# Ninja Ice Gloves



## Fowlmouth (Oct 4, 2008)

Anyone use them? I just ordered a pair for the waterfowl season. They are supposed to be warm, waterproof and thin enough to maintain dexterity. I go through so many gloves in the winter, and have yet to find a pair that are truly waterproof, thin and warm. These just might be the ticket. I figure if they are good enough for pipe fitters, and people that work in refrigerated environments, maybe, just maybe they will be good for waterfowling.....I will give a review when I get them. Oh, and they are super inexpensive so if they fail no biggie.....


----------



## JerryH (Jun 17, 2014)

What model did you buy? Be sure to let us know what you think about them. 

I don't leave home with out a pair of Atlas 460's. Best glove I've found for driving the boat. Setting & picking up dekes. Running the snowblower. Great glove just wish they weren't blaze orange.


----------



## toasty (May 15, 2008)

I bought some black atlas gloves and they are good, but a little bulky for things like reloading the shotgun. I have gone to a poly liner with a handwarmer in a fleece glove. For reloading, I take off the fleece glove and just use the liner. I take a 2nd pair of fleece gloves for when I pick up and just get them wet.


----------



## hunting777 (May 3, 2009)

We use these at my work and love them! So I tried them in the marsh. A little thick on the shooting finger, so I cut the end off for a finger hole. Pretty good gloves.


----------



## sketch21 (Jul 11, 2013)

My grandpa once said: "The only thing a guy can do well with gloves on is wet himself.":grin:

I'm also on a quest for the perfect waterfowl glove. So far, light wool for shooting and decoy gloves for picking up and driving the boat. Decoy gloves kind of suck for driving though, but keep the hands warm.


----------



## gander311 (Dec 23, 2008)

Yes, please keep us updated. I finally gave up on gloves during the hunt, as they always seem to leak or just get wet and make my hands colder than if I didn't have gloves on. 

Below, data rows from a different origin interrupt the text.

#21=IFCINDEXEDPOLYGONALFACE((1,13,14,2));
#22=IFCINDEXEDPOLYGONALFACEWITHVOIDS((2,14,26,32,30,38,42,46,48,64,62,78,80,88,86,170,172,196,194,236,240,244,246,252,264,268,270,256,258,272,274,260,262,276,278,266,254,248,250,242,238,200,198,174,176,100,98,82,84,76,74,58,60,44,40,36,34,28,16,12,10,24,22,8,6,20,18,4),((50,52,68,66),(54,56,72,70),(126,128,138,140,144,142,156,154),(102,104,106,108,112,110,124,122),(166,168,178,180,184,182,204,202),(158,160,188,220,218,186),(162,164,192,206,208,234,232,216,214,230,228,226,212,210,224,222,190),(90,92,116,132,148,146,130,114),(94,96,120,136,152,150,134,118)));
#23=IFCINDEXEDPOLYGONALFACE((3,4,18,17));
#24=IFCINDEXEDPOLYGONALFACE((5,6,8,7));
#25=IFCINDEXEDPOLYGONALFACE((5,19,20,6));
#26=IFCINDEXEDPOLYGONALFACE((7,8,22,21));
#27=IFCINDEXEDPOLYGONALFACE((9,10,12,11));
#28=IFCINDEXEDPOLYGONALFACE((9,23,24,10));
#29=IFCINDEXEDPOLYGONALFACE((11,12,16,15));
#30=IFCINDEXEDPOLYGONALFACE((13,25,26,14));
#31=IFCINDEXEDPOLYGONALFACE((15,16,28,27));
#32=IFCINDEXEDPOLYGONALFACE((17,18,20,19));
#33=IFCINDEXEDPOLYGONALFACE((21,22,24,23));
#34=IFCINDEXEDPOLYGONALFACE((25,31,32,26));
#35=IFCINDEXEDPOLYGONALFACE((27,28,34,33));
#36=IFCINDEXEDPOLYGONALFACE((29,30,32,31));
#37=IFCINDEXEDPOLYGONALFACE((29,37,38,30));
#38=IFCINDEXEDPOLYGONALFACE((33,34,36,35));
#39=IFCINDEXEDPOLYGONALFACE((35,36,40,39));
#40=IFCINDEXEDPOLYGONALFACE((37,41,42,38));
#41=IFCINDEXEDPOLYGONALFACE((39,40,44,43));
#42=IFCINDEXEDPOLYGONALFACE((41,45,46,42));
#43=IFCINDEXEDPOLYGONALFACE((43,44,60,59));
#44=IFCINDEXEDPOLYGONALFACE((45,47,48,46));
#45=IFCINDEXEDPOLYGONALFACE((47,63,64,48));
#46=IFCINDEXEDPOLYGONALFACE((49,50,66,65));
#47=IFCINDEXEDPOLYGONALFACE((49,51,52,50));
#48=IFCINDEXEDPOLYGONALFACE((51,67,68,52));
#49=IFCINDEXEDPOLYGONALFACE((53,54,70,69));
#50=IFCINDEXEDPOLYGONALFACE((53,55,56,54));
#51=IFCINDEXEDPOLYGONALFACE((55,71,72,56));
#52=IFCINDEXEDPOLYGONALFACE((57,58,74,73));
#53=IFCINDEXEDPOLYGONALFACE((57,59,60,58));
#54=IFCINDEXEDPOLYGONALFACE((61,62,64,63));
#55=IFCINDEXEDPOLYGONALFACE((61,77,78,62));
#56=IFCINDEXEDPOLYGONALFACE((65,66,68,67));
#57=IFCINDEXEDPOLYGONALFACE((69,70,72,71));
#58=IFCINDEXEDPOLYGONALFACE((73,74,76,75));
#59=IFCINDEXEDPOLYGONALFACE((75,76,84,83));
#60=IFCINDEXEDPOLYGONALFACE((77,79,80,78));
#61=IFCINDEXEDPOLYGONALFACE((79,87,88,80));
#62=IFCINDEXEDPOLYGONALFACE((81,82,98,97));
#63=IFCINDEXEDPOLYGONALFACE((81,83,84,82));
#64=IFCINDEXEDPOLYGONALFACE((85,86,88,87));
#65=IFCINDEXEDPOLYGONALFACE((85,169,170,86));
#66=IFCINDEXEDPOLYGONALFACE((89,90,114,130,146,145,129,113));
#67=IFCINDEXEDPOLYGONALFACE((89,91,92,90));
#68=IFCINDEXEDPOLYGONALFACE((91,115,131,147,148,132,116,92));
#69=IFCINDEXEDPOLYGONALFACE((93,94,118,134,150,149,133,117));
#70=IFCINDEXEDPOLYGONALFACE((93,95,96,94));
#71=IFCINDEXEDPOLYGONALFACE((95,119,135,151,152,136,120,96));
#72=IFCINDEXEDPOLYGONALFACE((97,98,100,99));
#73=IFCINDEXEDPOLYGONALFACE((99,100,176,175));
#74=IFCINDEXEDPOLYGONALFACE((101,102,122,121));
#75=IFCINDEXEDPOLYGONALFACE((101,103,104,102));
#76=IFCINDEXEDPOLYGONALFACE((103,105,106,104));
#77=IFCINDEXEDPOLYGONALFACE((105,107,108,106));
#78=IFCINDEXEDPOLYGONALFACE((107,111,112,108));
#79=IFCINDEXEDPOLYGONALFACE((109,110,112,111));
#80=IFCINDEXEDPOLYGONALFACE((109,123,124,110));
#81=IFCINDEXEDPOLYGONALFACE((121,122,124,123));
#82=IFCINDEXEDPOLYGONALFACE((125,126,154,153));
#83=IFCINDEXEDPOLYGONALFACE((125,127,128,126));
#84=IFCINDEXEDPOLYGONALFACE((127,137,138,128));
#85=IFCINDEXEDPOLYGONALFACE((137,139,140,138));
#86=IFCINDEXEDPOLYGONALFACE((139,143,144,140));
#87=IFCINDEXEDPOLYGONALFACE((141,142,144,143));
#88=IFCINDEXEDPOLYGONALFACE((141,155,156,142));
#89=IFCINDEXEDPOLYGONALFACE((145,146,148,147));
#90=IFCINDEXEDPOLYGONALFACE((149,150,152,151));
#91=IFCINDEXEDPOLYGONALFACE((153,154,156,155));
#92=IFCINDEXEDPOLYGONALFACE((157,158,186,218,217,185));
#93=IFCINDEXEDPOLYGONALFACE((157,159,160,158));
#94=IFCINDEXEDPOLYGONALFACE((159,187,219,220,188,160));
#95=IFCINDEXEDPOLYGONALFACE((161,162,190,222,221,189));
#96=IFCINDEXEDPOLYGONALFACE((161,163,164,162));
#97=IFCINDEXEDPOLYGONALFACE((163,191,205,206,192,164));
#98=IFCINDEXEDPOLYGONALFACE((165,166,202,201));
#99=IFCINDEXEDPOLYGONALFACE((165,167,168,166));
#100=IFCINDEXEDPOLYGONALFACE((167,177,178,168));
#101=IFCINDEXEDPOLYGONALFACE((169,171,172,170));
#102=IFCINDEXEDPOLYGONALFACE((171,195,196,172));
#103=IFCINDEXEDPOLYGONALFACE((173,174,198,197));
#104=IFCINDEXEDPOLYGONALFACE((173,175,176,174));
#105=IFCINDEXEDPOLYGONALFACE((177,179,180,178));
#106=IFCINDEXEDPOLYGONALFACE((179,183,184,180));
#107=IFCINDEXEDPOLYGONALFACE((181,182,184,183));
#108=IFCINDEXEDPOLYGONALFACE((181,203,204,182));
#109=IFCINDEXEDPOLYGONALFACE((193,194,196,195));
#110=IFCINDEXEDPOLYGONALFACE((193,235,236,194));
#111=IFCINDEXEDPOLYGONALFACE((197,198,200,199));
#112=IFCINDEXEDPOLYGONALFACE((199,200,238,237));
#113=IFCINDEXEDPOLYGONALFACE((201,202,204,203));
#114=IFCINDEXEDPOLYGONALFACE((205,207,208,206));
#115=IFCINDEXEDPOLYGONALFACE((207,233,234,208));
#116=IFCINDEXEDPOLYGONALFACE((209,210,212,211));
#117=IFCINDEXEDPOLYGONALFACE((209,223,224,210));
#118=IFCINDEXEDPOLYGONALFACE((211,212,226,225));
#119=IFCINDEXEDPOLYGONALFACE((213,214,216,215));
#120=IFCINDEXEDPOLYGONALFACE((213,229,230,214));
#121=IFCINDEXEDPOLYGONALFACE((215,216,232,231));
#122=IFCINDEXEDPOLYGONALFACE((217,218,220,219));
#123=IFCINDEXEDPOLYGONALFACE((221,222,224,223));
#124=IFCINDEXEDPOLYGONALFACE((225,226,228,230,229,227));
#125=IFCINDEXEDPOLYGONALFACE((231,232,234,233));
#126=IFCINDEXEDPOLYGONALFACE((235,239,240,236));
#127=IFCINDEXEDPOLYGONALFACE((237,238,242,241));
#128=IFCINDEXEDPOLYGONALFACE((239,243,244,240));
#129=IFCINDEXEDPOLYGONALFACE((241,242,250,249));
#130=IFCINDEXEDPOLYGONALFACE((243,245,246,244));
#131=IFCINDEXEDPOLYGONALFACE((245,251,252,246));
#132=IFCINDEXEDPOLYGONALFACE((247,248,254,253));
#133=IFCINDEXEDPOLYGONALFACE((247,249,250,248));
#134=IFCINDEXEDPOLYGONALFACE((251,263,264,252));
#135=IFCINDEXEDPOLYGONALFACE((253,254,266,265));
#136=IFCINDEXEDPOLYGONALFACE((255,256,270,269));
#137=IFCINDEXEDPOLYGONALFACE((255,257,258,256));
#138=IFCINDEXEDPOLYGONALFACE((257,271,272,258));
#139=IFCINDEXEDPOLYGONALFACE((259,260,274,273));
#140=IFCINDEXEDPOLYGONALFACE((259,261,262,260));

But I do use Atlas gloves while hiking in, putting out/cleaning up decoys, and driving the boat. I got a few pairs on clearance years ago, and they're still going strong. It's to bad that they are bright blue.


----------



## Fowlmouth (Oct 4, 2008)

JerryH said:


> What model did you buy? Be sure to let us know what you think about them.


I ordered the 9690L Model in black.... I think I'll order the 9690 FC (Full coating) as well.


----------



## Luhk (Aug 16, 2017)

https://www.amazon.com/gp/product/B00266F2PE/ref=ppx_yo_dt_b_asin_title_o00_s00?ie=UTF8&psc=1

These are the ones I use and absolutely love them. It is really weird though because you place you hand in the water and it feels wet since it is a wet suit material however the wet is what locks the warmth in. Your hands dont actually get wet.


----------



## fish-n-fool (May 26, 2009)

Fowlmouth said:


> I ordered the 9690L Model in black.... I think I'll order the 9690 FC (Full coating) as well.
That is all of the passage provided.